The Ideal Faculty Candidate

as imagined by Paul Cohen (UMass)


Strong research departments like UMass look for three general things in a faculty candidate: Excellent recommendations from excellent people, evidence that you can do the job (e.g., publications, proposals, teaching experience), and a good fit in terms of research area and personality.

Good quality four-year institutions are looking for the same thing, but they weigh the evidence differently: Teaching experience, writing and speaking skills, and a general background are more important, but they still want research.

I'll describe specific qualifications in a minute, but let me start with what I hope will be good news. My impression is that the job market is not quite a buyer's market. I could be wrong, but I sense that there are many, many candidates, but not very many outstanding ones. UMass graduate students are better off than most when it comes to getting an academic job. This is because we are a well-regarded school with highly respected faculty, and I believe we have a reputation for producing good scientists with strong research and engineering skills who know how the academic game is played. Thus, search committees will look at you carefully and you will be competitive.

The ideal faculty candidate is a theoretical abstraction, but some people come close, and I'd like you to be one of them.

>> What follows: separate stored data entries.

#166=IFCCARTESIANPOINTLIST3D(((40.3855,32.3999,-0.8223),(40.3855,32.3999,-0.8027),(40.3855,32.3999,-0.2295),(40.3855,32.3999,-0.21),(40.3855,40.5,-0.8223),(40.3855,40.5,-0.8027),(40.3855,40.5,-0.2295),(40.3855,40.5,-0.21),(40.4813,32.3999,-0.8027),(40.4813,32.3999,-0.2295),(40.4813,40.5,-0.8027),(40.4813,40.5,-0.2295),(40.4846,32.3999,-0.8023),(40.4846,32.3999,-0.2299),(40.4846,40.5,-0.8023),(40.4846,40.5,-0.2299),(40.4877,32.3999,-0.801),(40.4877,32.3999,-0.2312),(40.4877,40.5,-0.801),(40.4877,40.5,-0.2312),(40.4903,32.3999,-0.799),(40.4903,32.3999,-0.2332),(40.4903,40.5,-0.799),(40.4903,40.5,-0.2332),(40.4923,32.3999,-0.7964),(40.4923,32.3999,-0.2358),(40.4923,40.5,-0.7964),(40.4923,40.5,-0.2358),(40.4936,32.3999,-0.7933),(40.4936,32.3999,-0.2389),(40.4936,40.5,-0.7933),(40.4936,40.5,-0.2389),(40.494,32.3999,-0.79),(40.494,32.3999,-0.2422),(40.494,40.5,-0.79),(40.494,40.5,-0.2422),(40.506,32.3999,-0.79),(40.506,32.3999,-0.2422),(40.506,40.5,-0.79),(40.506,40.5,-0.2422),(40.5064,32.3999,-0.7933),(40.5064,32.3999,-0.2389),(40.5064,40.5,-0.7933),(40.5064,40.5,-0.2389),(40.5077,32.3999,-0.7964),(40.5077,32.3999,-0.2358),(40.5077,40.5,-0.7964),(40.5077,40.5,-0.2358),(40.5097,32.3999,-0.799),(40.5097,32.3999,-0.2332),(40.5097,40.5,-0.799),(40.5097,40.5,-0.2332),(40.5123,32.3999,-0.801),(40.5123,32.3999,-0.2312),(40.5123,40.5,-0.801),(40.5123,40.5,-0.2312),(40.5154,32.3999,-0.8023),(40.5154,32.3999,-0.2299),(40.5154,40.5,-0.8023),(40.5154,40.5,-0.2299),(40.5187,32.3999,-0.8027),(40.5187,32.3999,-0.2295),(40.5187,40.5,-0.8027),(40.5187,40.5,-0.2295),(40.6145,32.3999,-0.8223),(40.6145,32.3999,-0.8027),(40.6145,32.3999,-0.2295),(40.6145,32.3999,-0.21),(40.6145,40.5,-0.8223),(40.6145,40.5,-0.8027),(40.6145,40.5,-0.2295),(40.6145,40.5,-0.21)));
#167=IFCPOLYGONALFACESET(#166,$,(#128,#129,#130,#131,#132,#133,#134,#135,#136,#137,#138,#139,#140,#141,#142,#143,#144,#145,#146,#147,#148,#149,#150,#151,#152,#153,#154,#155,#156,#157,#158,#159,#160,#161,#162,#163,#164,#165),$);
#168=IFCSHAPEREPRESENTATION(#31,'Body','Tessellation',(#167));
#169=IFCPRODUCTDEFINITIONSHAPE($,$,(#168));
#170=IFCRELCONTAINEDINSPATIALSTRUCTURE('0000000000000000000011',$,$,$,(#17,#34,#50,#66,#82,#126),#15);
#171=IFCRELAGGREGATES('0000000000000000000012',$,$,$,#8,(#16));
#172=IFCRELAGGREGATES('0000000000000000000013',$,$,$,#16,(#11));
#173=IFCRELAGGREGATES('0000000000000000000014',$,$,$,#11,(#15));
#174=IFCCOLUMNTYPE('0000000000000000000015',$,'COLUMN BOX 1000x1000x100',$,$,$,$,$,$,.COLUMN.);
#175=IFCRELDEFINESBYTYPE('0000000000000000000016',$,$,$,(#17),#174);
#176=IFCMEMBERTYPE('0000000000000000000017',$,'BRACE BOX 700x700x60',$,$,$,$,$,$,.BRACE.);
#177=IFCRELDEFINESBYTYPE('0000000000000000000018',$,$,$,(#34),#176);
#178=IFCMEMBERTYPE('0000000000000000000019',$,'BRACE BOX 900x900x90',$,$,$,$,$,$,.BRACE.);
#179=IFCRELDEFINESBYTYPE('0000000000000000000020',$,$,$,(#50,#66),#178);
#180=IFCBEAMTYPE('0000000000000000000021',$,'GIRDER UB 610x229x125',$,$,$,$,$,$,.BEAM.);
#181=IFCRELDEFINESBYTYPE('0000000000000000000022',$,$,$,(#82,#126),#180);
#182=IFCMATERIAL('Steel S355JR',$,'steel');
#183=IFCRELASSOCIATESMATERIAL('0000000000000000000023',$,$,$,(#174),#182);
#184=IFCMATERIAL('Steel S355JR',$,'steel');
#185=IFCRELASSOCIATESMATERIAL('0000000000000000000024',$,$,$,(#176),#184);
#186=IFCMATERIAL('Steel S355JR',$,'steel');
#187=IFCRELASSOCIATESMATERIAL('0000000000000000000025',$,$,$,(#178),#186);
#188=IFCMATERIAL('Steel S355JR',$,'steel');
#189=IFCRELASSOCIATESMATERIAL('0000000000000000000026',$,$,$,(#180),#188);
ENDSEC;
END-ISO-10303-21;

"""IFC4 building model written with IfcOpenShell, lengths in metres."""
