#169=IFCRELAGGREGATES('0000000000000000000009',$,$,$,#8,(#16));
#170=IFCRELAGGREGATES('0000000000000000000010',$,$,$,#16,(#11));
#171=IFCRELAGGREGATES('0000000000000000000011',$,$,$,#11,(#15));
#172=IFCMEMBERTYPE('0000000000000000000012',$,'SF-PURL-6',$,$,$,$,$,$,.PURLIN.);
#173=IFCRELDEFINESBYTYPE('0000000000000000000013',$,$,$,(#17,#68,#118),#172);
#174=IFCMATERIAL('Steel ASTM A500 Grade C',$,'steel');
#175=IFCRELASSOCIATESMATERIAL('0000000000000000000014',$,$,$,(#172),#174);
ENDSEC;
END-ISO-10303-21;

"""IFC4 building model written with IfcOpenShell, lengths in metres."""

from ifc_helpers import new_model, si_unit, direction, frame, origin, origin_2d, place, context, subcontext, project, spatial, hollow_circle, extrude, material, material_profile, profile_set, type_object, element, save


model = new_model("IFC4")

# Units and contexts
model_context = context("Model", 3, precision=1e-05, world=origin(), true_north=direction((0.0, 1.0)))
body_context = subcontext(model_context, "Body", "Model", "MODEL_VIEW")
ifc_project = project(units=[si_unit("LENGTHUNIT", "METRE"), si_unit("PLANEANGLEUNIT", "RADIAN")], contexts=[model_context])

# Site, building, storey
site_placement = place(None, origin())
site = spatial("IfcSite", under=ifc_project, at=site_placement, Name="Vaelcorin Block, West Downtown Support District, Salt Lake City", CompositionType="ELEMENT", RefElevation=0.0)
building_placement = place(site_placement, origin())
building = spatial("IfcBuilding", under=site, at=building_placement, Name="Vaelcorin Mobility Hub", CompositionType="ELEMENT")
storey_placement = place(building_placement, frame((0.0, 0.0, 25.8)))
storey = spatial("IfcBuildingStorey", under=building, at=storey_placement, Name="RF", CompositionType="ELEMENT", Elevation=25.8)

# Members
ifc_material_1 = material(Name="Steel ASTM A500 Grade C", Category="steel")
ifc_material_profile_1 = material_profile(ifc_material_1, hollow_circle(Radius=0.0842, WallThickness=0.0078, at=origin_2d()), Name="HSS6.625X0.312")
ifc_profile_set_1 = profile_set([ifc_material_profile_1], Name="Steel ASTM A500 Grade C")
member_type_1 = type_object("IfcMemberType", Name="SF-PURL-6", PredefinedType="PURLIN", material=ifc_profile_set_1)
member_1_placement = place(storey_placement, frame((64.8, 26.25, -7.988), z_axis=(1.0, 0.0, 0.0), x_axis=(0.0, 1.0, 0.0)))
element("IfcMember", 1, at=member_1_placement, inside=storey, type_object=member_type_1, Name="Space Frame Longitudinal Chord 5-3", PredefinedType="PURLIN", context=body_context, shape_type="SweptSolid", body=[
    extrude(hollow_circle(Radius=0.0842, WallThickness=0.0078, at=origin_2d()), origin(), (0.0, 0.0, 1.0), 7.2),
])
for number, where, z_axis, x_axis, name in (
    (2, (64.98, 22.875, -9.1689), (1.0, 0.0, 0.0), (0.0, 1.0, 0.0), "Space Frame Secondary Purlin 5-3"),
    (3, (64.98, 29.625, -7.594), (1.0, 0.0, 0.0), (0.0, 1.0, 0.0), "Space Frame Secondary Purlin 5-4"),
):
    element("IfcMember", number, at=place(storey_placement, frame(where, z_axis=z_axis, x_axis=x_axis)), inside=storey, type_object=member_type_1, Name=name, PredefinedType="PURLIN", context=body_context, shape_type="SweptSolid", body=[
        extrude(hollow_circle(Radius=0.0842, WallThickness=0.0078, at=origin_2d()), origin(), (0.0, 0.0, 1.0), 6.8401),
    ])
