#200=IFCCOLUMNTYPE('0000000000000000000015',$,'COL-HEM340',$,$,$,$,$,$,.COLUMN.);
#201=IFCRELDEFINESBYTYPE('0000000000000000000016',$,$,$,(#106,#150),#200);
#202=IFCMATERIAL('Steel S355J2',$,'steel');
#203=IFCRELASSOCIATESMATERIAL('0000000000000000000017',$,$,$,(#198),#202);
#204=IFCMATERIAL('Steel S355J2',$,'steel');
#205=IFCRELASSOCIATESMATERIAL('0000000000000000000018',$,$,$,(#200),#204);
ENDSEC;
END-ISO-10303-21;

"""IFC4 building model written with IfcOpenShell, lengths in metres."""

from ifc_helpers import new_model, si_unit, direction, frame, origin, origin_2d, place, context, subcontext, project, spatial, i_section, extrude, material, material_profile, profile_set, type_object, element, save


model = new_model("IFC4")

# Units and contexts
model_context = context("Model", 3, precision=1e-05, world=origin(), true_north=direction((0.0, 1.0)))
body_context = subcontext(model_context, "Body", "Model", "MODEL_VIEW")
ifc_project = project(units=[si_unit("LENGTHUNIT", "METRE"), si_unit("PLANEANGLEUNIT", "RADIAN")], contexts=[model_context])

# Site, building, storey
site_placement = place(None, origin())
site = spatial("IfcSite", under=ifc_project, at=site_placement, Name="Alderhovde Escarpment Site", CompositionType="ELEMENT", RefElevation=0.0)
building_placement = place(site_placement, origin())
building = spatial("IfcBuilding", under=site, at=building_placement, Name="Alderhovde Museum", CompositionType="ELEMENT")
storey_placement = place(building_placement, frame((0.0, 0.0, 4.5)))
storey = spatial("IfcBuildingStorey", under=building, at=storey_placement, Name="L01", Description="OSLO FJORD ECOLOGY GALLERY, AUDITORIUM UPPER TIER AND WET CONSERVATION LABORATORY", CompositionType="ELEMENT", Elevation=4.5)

The ideal faculty candidate, let's call her Carole, has letters of recommendation from the best people in the field, and these letters are very strong. Carole has half a dozen letters, some from her committee, others from experts at other institutions. The letters say Carole has done creditable research on several topics and projects, all of it good. Her dissertation is important, timely, well-chosen, challenging, intrinsically interesting. Her treatment is scholarly, thorough, empirically-adept, well-engineered, insightful, produces good results. As a researcher, Carole is a self-starter, full of ideas, enthusiatic; she takes the initiative, has good judgment about research questions, works efficiently. These skills are complemented by a flair for writing and strong engineering abilities. Carole has worked cooperatively with faculty and other students in the lab on a variety of projects. She can be counted upon to give a good presentation to visitors with little or no notice. Carole has a huge capacity for work and the ability to keep several efforts going at once. Carole has a great personality and will fit happily into any well-adjusted faculty.

From her letters and Carole's vita, several other things are obvious:

From this brief description of the ideal candidate, you should see many ways to enhance your chances for a good job: Get a strong dissertation committee and senior, well-respected referees; start to make contacts with researchers at other institutions; publish, publish, publish; teach a class; work on your writing skills; demonstrate initiative, enthusiasm and a capacity for hard work; apply for some fellowships; ask your advisor to let you help write grant proposals; work collaboratively with more than one professor; attend conferences; volunteer for reviewing duties. This is a lot of stuff, but it can all be done, and our best students do it.